Verantwortung übernehmen
Stefan Mix, Klinischer Neuropsychologe im EGZB, ist für die Betreuung der beiden FSJlerinnen zuständig. Für die tatkräftige Unterstützung der Freiwilligen ist er dankbar: "Bei uns absolvieren schon seit einigen Jahren junge Menschen einen freiwilligen Dienst. Unsere Erfahrungen sind sehr gut: Die FSJler verfügen in der Regel über eine hohe Sozialkompetenz und sind im Umgang mit den älteren Menschen engagiert und kreativ.
Mix sieht dank des freiwilligen Engagements positive Entwicklungen – auf Seiten der FSJler und auch auf Seiten der Patienten. "Die jungen Freiwilligen lernen im EGZB mit Menschen umzugehen und Verantwortung zu übernehmen. Sie können sich über ihren weiteren Werdegang klar werden und Fragen beantworten wie: Passt ein Medizinstudium zu mir? Oder: Ist ein pflegerischer Beruf etwas für mich? Die Patienten hingegen sind oft überrascht über das Interesse der jungen Menschen im Enkel- oder Urenkelalter und genießen den unbefangenen Kontakt zu ihnen. Wenn Fiona und Alina mit unseren Patienten sprechen oder eine Runde 'Mensch ärgere dich nicht' spielen, holen sie sie aus ihrem Krankenalltag heraus und lenken sie ab – wenn sich plötzlich nicht alles um die Erkrankung dreht, gesunden unsere Patienten wesentlich schneller."
FSJ zeigt neue Perspektiven
"Ich würde ein FSJ auf jeden Fall empfehlen", versichert Fiona Niebuhr. "Man erhält eine gute Chance, den Bereich zu erproben, für den man sich interessiert."

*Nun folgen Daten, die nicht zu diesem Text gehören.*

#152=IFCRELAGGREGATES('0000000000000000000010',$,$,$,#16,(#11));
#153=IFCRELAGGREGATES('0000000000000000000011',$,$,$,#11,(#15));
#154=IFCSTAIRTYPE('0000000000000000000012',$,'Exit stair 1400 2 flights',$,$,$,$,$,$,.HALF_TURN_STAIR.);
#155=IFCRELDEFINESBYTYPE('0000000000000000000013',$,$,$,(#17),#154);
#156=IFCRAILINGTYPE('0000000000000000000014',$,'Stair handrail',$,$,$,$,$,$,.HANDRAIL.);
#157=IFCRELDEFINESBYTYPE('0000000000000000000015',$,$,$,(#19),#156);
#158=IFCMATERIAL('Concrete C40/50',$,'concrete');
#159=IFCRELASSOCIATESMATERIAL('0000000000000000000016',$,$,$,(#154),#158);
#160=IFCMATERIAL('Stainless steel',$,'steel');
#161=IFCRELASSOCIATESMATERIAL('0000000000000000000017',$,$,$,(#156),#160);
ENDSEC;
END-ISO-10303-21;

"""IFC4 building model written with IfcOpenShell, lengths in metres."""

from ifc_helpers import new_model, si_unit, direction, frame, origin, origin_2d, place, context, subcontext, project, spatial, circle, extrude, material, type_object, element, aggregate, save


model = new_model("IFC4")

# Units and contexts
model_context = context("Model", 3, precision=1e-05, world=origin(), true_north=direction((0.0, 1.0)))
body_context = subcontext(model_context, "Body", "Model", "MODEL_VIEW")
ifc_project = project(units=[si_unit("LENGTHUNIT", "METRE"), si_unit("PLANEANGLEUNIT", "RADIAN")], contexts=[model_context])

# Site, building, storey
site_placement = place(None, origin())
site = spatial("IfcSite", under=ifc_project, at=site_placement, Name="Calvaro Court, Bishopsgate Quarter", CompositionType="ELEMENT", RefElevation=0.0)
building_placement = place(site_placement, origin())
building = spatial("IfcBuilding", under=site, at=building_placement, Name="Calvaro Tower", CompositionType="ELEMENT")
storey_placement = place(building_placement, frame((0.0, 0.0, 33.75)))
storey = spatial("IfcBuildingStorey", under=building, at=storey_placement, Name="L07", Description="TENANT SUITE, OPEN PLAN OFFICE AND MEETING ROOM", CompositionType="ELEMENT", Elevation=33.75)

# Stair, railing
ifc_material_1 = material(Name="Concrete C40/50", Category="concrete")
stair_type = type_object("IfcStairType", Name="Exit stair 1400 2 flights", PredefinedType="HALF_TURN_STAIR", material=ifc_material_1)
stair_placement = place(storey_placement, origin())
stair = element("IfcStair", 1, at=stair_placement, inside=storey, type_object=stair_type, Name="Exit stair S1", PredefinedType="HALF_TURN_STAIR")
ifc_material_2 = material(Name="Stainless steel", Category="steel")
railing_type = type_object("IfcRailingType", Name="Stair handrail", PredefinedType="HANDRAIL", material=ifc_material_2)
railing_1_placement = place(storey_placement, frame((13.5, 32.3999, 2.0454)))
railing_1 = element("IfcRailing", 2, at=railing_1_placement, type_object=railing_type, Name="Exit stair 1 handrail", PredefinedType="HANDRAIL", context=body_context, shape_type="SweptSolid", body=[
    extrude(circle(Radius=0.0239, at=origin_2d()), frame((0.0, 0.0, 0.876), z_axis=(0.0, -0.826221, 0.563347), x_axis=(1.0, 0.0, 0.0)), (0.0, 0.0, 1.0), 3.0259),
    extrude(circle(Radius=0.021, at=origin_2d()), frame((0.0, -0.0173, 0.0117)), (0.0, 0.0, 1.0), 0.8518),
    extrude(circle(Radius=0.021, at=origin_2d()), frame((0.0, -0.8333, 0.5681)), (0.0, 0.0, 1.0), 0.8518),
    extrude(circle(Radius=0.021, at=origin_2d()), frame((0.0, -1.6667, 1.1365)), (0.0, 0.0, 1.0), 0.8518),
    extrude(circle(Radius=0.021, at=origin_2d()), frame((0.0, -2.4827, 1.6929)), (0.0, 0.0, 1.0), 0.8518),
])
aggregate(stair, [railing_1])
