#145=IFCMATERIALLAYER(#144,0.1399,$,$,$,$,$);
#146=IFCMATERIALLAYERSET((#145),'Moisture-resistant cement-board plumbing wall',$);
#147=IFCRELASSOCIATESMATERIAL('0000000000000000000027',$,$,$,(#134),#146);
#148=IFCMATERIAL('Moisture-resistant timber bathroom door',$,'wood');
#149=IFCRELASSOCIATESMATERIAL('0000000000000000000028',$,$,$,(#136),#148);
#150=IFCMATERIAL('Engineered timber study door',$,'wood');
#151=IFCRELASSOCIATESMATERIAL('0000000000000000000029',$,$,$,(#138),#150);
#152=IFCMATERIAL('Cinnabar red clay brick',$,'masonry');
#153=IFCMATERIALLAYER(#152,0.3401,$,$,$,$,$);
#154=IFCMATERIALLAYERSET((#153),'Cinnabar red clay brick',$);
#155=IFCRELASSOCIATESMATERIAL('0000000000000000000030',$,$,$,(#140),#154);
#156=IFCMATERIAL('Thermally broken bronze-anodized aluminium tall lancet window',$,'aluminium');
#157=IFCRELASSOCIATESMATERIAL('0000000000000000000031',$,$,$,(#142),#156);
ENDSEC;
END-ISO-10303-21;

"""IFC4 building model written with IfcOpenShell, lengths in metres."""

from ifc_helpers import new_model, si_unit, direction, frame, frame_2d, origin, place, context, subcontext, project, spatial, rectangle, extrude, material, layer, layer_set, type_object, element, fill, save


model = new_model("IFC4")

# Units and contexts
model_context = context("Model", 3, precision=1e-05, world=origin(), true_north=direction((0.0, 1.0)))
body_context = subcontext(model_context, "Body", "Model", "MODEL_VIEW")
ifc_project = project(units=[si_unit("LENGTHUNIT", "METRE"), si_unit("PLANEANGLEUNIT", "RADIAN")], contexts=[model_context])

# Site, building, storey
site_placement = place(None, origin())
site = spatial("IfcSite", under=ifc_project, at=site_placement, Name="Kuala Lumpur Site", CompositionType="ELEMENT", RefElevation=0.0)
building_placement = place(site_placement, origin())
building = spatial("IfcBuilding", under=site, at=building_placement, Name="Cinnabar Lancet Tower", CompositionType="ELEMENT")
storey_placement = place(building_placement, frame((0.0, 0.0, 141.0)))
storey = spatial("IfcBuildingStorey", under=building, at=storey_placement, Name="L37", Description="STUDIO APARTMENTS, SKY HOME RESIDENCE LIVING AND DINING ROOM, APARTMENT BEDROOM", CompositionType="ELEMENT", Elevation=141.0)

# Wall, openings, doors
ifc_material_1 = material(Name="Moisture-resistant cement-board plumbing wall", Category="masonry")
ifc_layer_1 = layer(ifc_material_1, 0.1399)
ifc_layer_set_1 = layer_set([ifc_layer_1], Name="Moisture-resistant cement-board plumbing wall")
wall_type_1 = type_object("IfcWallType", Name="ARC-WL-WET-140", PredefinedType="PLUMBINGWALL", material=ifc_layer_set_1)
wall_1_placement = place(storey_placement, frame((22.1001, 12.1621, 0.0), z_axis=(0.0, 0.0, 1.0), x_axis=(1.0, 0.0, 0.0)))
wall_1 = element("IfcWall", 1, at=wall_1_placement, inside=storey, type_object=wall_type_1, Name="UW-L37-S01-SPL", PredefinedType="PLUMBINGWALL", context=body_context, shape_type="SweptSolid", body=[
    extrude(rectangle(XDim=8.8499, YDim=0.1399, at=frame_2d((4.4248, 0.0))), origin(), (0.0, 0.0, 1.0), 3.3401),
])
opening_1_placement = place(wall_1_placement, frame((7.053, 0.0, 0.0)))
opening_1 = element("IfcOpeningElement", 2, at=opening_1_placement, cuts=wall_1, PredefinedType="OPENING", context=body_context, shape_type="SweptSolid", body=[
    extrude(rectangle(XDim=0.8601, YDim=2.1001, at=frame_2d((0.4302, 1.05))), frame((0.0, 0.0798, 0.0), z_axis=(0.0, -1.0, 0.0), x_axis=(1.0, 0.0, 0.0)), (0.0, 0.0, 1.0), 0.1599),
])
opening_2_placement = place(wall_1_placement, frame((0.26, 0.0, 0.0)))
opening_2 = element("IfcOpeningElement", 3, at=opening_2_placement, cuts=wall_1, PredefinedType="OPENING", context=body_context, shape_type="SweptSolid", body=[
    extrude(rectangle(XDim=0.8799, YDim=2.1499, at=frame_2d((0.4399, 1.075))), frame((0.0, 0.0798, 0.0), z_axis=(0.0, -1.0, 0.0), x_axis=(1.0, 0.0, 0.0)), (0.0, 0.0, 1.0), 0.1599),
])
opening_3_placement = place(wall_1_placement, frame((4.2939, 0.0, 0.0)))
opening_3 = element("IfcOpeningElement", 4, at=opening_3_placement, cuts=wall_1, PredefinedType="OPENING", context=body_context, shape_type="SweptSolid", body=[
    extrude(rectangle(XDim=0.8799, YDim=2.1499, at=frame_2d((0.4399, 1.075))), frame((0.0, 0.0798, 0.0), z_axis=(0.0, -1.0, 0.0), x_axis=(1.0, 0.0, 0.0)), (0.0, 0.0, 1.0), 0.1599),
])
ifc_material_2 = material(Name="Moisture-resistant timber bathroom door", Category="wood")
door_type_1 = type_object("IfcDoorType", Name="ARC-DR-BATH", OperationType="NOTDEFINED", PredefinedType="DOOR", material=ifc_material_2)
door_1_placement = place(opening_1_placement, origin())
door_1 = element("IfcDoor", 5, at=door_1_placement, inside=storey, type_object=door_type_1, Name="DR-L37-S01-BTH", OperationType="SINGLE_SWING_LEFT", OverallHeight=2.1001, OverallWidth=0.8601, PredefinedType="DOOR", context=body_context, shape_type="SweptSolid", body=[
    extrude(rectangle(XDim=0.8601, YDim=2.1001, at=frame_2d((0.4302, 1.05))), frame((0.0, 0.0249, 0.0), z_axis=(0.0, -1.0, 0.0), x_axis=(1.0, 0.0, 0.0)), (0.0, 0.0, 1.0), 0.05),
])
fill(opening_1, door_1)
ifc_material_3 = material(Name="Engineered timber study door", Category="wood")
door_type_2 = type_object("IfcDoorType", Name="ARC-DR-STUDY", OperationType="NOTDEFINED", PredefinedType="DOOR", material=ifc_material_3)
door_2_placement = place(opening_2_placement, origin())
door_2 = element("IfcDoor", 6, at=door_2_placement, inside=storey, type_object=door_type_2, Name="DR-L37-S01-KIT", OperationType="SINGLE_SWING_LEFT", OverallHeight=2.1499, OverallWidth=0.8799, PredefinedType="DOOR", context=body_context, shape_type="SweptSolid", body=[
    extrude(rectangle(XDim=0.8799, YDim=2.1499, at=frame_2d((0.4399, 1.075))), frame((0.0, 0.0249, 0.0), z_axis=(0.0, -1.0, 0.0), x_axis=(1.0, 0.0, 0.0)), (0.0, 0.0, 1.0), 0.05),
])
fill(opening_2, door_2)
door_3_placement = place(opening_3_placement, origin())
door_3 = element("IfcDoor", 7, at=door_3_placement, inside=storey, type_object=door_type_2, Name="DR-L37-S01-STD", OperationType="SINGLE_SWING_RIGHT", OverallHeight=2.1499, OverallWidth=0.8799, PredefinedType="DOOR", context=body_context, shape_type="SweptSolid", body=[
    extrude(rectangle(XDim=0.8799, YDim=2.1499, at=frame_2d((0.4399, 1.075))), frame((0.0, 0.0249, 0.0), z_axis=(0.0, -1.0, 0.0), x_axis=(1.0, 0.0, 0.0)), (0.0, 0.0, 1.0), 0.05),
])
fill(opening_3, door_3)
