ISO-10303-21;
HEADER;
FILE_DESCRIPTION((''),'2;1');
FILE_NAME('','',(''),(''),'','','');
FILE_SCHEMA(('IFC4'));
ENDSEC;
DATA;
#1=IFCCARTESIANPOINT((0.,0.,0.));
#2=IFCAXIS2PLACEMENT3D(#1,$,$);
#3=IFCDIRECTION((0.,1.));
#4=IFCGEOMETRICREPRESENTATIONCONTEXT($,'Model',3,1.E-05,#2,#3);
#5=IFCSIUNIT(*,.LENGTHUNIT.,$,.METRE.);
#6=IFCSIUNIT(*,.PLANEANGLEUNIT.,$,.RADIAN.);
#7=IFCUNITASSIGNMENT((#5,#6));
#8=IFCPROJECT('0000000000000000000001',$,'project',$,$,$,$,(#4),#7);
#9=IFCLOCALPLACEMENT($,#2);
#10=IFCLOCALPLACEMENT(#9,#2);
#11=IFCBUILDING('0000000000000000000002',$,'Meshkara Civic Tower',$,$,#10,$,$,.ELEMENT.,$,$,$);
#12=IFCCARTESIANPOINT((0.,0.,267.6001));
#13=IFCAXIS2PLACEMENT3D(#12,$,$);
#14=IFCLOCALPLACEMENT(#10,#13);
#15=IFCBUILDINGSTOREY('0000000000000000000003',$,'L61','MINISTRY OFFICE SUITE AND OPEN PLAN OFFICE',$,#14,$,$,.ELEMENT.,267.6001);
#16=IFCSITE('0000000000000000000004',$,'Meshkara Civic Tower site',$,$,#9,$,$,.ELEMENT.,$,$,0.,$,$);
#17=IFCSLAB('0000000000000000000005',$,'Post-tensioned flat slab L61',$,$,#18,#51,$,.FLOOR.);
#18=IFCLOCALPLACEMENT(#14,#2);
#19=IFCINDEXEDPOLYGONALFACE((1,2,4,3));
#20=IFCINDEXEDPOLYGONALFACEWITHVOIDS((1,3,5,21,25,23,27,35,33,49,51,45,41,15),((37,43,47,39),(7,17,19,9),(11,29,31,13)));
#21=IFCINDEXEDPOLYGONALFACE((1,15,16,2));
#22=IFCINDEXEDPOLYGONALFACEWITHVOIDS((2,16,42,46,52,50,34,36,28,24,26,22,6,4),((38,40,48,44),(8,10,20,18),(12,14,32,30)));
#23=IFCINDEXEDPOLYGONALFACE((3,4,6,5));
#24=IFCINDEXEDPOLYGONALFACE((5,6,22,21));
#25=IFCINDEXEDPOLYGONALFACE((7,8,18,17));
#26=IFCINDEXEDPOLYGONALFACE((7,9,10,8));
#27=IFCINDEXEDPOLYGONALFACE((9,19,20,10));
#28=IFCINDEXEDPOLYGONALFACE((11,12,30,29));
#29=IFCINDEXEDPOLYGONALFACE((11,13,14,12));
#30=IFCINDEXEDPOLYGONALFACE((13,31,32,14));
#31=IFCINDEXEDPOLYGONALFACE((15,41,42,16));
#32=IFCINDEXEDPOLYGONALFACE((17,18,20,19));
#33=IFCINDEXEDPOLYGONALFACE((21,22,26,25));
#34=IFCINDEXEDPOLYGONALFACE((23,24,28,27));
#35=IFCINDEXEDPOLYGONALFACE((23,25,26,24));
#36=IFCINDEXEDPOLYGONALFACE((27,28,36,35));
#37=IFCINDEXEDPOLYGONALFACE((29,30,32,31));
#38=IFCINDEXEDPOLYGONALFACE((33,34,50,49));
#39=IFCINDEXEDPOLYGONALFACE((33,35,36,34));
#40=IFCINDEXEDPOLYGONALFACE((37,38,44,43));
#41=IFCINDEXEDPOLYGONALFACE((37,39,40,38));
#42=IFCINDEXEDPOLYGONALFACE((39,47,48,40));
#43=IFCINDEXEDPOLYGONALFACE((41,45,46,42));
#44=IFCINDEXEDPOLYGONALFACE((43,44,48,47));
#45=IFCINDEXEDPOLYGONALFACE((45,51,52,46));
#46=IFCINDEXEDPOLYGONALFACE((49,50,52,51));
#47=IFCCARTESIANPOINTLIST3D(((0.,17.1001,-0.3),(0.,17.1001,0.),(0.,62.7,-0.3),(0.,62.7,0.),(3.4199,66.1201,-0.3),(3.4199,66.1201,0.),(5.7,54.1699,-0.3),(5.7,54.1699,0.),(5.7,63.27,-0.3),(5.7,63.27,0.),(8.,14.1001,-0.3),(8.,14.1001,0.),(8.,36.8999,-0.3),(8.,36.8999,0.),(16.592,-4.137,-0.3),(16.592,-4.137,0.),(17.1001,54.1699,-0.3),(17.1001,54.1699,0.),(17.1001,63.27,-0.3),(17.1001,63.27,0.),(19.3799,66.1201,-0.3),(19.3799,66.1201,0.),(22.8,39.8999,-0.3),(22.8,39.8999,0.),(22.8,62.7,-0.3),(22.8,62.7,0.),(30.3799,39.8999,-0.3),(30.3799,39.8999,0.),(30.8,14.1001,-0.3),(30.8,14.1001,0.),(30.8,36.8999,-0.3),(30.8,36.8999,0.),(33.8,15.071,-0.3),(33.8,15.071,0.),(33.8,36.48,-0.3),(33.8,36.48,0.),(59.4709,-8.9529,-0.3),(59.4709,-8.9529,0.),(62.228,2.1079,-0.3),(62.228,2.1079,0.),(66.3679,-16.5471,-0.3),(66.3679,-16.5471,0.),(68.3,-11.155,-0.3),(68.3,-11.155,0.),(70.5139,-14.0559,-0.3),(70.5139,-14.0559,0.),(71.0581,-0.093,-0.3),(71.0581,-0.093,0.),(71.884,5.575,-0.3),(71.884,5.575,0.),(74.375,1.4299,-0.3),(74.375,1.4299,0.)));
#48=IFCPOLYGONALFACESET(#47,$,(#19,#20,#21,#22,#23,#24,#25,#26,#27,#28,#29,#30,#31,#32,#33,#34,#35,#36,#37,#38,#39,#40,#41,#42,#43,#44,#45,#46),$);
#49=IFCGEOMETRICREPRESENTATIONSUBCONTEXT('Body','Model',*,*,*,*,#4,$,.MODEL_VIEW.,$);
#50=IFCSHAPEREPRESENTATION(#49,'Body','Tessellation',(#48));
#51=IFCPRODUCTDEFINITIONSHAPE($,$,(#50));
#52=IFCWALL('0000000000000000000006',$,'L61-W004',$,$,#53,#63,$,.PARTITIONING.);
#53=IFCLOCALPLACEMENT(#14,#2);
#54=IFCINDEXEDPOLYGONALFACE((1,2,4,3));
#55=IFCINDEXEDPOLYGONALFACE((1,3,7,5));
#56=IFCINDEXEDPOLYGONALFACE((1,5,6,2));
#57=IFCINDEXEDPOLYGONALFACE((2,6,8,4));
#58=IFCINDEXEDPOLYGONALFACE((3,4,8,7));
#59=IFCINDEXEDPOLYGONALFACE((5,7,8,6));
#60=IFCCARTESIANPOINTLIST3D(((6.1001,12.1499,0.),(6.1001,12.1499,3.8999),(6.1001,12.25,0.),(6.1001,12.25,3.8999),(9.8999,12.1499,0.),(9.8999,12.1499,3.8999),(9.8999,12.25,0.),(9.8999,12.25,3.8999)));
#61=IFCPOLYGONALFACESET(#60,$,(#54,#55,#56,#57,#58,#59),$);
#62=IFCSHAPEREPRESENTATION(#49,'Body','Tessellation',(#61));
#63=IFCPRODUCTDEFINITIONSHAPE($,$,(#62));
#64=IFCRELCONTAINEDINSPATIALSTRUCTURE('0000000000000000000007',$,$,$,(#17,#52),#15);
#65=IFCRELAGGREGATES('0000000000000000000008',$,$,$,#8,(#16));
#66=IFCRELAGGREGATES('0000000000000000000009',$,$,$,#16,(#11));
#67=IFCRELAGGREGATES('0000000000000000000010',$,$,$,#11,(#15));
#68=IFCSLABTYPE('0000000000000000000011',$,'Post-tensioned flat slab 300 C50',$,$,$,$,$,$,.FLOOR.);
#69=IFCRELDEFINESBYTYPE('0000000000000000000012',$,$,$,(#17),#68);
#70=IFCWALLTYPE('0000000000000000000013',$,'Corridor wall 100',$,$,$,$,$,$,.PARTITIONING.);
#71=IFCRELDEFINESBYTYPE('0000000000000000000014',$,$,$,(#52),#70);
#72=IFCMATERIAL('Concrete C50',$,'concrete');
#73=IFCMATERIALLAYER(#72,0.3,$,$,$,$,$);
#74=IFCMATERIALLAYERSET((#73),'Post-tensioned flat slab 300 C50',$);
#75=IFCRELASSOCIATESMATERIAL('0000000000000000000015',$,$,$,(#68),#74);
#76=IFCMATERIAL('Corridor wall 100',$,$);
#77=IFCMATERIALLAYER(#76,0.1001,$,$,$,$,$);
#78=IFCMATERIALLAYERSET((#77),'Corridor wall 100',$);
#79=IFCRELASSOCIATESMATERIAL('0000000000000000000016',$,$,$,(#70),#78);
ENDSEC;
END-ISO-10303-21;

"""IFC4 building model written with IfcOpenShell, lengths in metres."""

from ifc_helpers import new_model, si_unit, direction, frame, frame_2d, origin, place, context, subcontext, project, spatial, polyline, rectangle, outline, extrude, material, layer, layer_set, type_object, element, save


model = new_model("IFC4")

# Units and contexts
model_context = context("Model", 3, precision=1e-05, world=origin(), true_north=direction((0.0, 1.0)))
body_context = subcontext(model_context, "Body", "Model", "MODEL_VIEW")
ifc_project = project(units=[si_unit("LENGTHUNIT", "METRE"), si_unit("PLANEANGLEUNIT", "RADIAN")], contexts=[model_context])

# Site, building, storey
site_placement = place(None, origin())
site = spatial("IfcSite", under=ifc_project, at=site_placement, Name="Meshkara Civic Tower site", CompositionType="ELEMENT", RefElevation=0.0)
building_placement = place(site_placement, origin())
building = spatial("IfcBuilding", under=site, at=building_placement, Name="Meshkara Civic Tower", CompositionType="ELEMENT")
storey_placement = place(building_placement, frame((0.0, 0.0, 267.6001)))
storey = spatial("IfcBuildingStorey", under=building, at=storey_placement, Name="L61", Description="MINISTRY OFFICE SUITE AND OPEN PLAN OFFICE", CompositionType="ELEMENT", Elevation=267.6001)

# Slab
ifc_material_1 = material(Name="Concrete C50", Category="concrete")
ifc_layer_1 = layer(ifc_material_1, 0.3)
ifc_layer_set_1 = layer_set([ifc_layer_1], Name="Post-tensioned flat slab 300 C50")
slab_type_1 = type_object("IfcSlabType", Name="Post-tensioned flat slab 300 C50", PredefinedType="FLOOR", material=ifc_layer_set_1)
slab_1_placement = place(storey_placement, frame((0.0, 0.0, -0.3)))
element("IfcSlab", 1, at=slab_1_placement, inside=storey, type_object=slab_type_1, Name="Post-tensioned flat slab L61", PredefinedType="FLOOR", context=body_context, shape_type="SweptSolid", body=[
    extrude(outline(polyline([(70.5139, -14.0559), (66.3679, -16.5471), (16.592, -4.137), (0.0, 17.1001), (0.0, 62.7), (3.4199, 66.1201), (19.3799, 66.1201), (22.8, 62.7), (22.8, 39.8999), (30.3799, 39.8999), (33.8, 36.48), (33.8, 15.071), (71.884, 5.575), (74.375, 1.4299), (70.5139, -14.0559)]), holes=[polyline([(68.3, -11.155), (71.0581, -0.093), (62.228, 2.1079), (59.4709, -8.9529), (68.3, -11.155)]), polyline([(8.0, 14.1001), (30.8, 14.1001), (30.8, 36.8999), (8.0, 36.8999), (8.0, 14.1001)]), polyline([(5.7, 63.27), (5.7, 54.1699), (17.1001, 54.1699), (17.1001, 63.27), (5.7, 63.27)])]), origin(), (0.0, 0.0, 1.0), 0.3),
])

# Wall
ifc_material_2 = material(Name="Corridor wall 100")
ifc_layer_2 = layer(ifc_material_2, 0.1001)
ifc_layer_set_2 = layer_set([ifc_layer_2], Name="Corridor wall 100")
wall_type_1 = type_object("IfcWallType", Name="Corridor wall 100", PredefinedType="PARTITIONING", material=ifc_layer_set_2)
wall_1_placement = place(storey_placement, frame((6.1001, 12.2, 0.0), z_axis=(0.0, 0.0, 1.0), x_axis=(1.0, 0.0, 0.0)))
element("IfcWall", 2, at=wall_1_placement, inside=storey, type_object=wall_type_1, Name="L61-W004", PredefinedType="PARTITIONING", context=body_context, shape_type="SweptSolid", body=[
    extrude(rectangle(XDim=3.7998, YDim=0.1001, at=frame_2d((1.8999, 0.0))), origin(), (0.0, 0.0, 1.0), 3.8999),
])

save(model, "model.ifc")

So hat sich durch das freiwillige Engagement der Berufswunsch der FSJlerin tatsächlich geändert: Zu Beginn des FSJs wollte Fiona Niebuhr noch Psychologin werden, jetzt möchte sie lieber Medizin studieren. "Vor meiner Zeit im EGZB hätte ich niemals erwartet, dass ich mir von Patienten eine OP-Narbe oder ein geschwollenes Bein zeigen lassen würde – mittlerweile finde ich das richtig spannend", lacht Fiona Niebuhr. Auch Alina Denz ist sichtlich zufrieden: "Obwohl wir frisch von der Schule kommen und eigentlich keine Vorkenntnisse haben, dürfen wir nah am Menschen arbeiten und lernen viel. Die Arbeit hier ist wirklich vielseitig. Und auch die FSJ-Betreuung generell ist sehr engagiert: Wir fühlen uns gut aufgehoben und werden nicht allein gelassen. Und die Seminare und Seminarfahrten sind auch echt super!" Die beiden FSJlerinnen, die sich erst bei ihrem Dienst kennen gelernt haben, sind richtig gute Freundinnen geworden und möchten den Sommer gemeinsam in Alina Denz Heimat, der Schweiz, verbringen. "Egal wie stressig es hier manchmal ist, am letzten Tag werden wir beide auf jeden Fall ganz schön traurig sein", prophezeit Fiona Niebuhr.